ASN in schools: getting it right for every child?

Written by Tom Freeman on 28 November 2018 in Inside Politics

Event report: As children's rights in education are strengthened, the resources to meet them have declined 

Image credit: Holyrood

The capacity of local authorities to provide education for pupils with additional support needs (ASN) was brought into the spotlight by the high-profile incident at Kaimes special school in Edinburgh, where eleven teachers refused to teach over the behaviour of eight pupils.

Kaimes is for pupils with complex, long-term needs, but the vast majority of ASN pupils are placed in mainstream schools.

In fact, the incident masks a reality where councils rarely meet the statutory requirements to identify and meet the needs of ASN children, as revealed in a recent Holyrood event on the matter.

While the number of ASN pupils has trebled in five years, the average spend per pupil by local authorities on additional support for learning decreased by 11 per cent between 2012 and 2016.

This is despite a statutory duty to identify additional needs and provide a co-ordinated support plan (CSP) if those needs meet the criteria.

But despite nearly 27 per cent of Scotland’s pupils now being identified with ASN, only 0.3 per cent have a CSP in place, according to Professor Sheila Riddell of Moray House School of Education, University of Edinburgh.

Part of this is down to the fact that what is classed as ASN has broadened to include temporary things like broken legs, but the figure is still concerning, especially when the equivalent statutory plan in England, the education and health plan, is provided to nearly three per cent of pupils, and its use is growing.

“You are ten times as likely to get a statutory support plan in England as you are in Scotland,” Riddell told delegates.

After the introduction of a ‘Child’s Plan’ under Getting it Right for Every Child (GIRFEC), many parents are being told they do not need a CSP, or that they don’t qualify.

One local authority representative told our event they saw the Child’s Plan as an alternative: “Do we really need a CSP in place to make sure that child’s needs are met? I would hope not.

“I don’t think CSPs are great. I don’t think they capture short-term planning in terms of education. I think we’re getting that right with our planning.”

However, May Dunsmuir, president of the Health and Education Chamber of the First-Tier Tribunal for Scotland, told delegates they don’t have a choice.

“In fact, if a child meets the statutory criteria for a CSP, they must have one,” she said.

“In a school, if you have a child and you are going for the Child’s Plan route but they actually meet the criteria, you are failing in your statutory obligations.”

She added: “I don’t like the criteria for the CSP, I think it ought not to be as strict as it is, but the law doesn’t give you that choice. It’s an obligation.

“If you want to make it a simpler process then lobby for that. Agitate for that.”

She said local authorities had displayed an “absence of responsibility in terms of the law” on the matter.

“Whether you are an education authority or a third sector organisation, have a look at the children who are represented in your organisation, at just how many of them are having their rights met,” she said.

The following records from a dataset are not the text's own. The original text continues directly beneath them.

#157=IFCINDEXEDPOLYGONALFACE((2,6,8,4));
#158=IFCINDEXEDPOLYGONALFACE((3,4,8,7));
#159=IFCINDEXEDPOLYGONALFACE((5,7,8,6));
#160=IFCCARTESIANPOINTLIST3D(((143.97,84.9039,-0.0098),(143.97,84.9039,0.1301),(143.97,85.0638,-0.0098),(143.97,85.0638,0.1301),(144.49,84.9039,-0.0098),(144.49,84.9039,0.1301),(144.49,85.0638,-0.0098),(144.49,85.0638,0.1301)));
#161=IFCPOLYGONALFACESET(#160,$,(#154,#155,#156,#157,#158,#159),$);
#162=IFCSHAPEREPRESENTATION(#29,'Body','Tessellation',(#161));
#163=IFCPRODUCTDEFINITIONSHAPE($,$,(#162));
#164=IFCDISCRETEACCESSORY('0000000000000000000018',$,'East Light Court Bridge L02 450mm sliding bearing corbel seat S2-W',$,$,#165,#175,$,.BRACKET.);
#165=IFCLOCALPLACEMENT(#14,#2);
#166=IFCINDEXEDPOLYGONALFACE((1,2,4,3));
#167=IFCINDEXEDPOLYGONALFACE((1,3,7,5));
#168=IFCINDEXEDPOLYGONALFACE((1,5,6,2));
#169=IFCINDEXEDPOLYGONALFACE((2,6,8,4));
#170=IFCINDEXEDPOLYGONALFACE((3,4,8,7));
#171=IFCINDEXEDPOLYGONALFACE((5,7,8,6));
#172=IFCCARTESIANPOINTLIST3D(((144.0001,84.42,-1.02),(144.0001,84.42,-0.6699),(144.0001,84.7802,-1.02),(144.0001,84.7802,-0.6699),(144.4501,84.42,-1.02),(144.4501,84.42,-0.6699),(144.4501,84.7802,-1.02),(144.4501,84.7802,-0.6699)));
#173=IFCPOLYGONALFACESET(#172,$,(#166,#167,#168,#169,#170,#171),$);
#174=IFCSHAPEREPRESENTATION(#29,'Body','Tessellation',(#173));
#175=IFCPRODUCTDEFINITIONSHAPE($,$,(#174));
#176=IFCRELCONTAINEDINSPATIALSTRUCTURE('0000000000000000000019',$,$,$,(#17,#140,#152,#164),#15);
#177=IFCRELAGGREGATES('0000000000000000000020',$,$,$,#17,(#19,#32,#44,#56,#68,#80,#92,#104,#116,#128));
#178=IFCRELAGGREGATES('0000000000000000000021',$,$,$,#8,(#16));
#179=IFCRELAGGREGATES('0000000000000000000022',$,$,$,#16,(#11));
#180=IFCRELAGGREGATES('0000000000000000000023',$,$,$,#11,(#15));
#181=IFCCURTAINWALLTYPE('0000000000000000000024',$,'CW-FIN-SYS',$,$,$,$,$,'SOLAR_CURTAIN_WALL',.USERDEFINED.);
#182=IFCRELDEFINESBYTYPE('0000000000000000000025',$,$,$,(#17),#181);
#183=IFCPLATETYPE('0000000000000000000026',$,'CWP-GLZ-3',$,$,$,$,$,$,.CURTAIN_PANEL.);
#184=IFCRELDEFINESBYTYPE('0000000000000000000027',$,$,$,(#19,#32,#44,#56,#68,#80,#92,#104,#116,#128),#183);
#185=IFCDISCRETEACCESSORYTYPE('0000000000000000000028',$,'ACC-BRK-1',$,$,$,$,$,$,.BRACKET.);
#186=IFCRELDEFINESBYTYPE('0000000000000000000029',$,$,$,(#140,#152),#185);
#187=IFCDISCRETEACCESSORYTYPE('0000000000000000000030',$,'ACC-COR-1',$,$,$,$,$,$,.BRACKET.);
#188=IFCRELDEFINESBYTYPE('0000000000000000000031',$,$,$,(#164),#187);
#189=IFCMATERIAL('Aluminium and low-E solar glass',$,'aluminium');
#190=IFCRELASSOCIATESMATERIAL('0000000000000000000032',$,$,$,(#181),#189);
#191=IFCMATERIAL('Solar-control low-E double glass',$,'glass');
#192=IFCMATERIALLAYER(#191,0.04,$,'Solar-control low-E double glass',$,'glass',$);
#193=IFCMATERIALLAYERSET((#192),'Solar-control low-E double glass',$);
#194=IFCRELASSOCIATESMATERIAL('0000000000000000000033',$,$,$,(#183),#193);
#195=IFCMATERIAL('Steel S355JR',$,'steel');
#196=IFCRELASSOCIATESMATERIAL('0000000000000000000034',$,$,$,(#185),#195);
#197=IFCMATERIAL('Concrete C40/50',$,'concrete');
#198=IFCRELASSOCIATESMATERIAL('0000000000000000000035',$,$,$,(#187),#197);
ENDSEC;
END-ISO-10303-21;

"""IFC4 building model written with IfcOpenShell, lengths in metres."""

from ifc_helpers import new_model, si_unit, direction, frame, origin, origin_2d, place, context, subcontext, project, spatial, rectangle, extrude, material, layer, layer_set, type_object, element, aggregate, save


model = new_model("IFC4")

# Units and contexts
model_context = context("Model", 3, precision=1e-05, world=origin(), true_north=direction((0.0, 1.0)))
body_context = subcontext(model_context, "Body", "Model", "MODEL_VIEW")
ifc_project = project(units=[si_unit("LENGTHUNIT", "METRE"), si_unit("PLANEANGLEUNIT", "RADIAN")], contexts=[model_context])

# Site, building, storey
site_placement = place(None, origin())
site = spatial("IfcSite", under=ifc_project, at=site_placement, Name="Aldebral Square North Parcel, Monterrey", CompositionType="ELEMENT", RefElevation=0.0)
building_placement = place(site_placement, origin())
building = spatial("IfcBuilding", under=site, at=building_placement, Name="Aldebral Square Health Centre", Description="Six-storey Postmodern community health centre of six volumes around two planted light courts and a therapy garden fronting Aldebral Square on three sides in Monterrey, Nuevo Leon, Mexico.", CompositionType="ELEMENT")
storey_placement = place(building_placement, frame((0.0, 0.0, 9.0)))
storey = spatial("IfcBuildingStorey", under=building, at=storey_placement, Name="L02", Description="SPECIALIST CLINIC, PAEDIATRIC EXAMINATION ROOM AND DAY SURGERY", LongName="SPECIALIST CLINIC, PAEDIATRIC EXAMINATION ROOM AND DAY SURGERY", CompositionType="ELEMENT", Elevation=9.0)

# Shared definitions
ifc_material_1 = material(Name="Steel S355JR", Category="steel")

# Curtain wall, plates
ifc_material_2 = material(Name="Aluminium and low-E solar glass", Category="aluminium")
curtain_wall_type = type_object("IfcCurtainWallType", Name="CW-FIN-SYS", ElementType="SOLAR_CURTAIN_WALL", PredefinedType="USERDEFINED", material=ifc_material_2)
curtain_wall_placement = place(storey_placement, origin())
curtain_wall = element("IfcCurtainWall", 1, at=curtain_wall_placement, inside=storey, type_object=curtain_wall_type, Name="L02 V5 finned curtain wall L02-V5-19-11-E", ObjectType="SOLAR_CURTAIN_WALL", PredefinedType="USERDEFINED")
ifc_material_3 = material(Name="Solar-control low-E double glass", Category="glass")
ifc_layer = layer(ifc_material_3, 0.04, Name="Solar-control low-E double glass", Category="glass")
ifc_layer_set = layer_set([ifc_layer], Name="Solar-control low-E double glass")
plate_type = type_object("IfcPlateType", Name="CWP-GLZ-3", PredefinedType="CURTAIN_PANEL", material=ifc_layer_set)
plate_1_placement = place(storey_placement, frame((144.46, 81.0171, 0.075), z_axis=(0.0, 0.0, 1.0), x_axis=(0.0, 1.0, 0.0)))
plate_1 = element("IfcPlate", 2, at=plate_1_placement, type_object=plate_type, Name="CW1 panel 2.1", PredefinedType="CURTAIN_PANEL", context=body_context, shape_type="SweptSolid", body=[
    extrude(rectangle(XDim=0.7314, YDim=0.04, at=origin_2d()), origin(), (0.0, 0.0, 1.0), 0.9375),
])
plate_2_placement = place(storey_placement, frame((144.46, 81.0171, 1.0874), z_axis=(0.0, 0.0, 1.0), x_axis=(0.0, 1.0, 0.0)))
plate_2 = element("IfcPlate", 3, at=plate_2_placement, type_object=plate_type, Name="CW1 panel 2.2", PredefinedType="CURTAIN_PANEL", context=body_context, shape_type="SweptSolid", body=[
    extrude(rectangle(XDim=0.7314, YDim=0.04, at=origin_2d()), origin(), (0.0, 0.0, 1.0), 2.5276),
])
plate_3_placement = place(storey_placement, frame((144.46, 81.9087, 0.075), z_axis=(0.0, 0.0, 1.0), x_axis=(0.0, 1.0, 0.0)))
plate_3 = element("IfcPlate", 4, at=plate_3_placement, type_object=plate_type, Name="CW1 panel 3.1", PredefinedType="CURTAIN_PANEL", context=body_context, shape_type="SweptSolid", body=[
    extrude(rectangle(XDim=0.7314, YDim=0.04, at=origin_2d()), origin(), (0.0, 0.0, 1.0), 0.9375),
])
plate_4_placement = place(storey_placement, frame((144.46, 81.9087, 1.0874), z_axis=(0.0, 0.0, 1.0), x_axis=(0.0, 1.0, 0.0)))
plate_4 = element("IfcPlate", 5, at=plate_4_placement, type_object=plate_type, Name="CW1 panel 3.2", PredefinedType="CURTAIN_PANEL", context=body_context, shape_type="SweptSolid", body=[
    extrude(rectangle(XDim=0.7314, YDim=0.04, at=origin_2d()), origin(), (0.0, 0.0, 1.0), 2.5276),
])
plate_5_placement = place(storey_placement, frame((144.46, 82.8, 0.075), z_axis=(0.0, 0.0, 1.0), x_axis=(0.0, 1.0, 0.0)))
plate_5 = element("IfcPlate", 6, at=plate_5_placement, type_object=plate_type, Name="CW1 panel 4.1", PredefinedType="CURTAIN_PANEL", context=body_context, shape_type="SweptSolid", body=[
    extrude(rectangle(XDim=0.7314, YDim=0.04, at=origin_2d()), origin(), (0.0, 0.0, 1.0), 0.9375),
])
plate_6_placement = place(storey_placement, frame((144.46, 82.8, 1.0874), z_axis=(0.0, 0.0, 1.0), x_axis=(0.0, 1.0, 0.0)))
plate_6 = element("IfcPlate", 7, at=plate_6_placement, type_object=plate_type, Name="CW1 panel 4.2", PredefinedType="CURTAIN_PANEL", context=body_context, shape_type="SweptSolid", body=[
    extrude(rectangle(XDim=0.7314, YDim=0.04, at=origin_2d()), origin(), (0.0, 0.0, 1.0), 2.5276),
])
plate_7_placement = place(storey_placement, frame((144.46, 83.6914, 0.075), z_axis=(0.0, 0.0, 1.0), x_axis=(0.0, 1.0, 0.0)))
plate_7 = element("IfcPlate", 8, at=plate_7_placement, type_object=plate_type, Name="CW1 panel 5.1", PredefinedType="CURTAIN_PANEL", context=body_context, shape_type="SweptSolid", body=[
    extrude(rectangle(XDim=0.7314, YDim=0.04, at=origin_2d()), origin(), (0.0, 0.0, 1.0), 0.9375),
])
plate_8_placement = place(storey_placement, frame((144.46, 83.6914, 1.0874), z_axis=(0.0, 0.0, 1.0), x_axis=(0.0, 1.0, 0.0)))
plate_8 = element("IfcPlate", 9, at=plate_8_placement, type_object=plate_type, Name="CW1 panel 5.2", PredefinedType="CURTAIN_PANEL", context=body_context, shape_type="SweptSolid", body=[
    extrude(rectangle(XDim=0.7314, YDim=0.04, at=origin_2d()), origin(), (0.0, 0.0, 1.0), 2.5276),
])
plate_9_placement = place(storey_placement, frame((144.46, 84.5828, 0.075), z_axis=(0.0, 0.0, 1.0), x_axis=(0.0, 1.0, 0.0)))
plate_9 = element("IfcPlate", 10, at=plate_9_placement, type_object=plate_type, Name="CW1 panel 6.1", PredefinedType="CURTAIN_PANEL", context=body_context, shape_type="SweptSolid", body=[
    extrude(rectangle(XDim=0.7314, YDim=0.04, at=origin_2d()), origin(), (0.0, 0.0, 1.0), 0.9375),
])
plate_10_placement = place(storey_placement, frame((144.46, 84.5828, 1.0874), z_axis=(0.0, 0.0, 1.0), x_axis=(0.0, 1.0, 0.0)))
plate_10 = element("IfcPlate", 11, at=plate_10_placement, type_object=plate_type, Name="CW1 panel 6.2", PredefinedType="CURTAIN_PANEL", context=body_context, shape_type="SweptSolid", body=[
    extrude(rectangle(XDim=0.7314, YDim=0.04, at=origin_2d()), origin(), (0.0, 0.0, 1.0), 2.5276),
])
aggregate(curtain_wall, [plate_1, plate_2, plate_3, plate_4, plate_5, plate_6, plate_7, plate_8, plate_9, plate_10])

“When is a right a right? A right is only a right if you know you’ve got it and it is exercised. The bottom line is, are you exercising your responsibility in connection with that right? We have to be careful not to talk as if there is a choice. There isn’t.”

As a non-statutory document, however useful or adaptable a Child’s Plan is, it has “no set format, no timescales, no routes of redress,” said Riddell.

The ambition of the 2004 Additional Support for Learning Act seems far from being realised. Riddell said it had not been followed up with regulation, inspection or enforcement. 

As the Scottish Government awards children more rights, so have council resources diminished for those rights to be realised. The number of specialist ASN teachers, for example, has fallen for five years in a row.

In fact, the right to provision of additional support for learning has an important caveat attached which has apparently grown in relevance since 2004. A council is only obliged to provide support which doesn’t incur “unreasonable public expenditure”, according to Cairn Legal’s Iain Nisbet.

What a council deems reasonable may well have changed in 15 years of budgetary pressures.

Once a CSP is in place, however, the caveat is removed for any support listed in it. Could this be a factor in why so many local authorities are reluctant to put them in place?

Meanwhile, the Scottish Government has continued to attempt to broaden rights, hailing amendments to the legislation in 2016 as “the biggest extension of rights in Europe”.

These amendments mean a child over 12 can independently request an assessment of their needs and CSP. They can also ask for it to be reviewed.

However, as Nisbet pointed out, to exercise their right to do so there are up to nine procedural stages they have to go through before a request is granted. Crucially, one of these is the local authority deciding whether the child has capacity to exercise their own rights.

This caveat led to the Equality and Human Rights Commission being critical of the reform, pointing out local authorities have retained the final say.

Riddell said: “It’s OK to implement legislation but then you have to look at what is actually happening on the ground. Is anything changing? If nothing changes, the legislation might make everyone feel good but that’s about the extent of it.”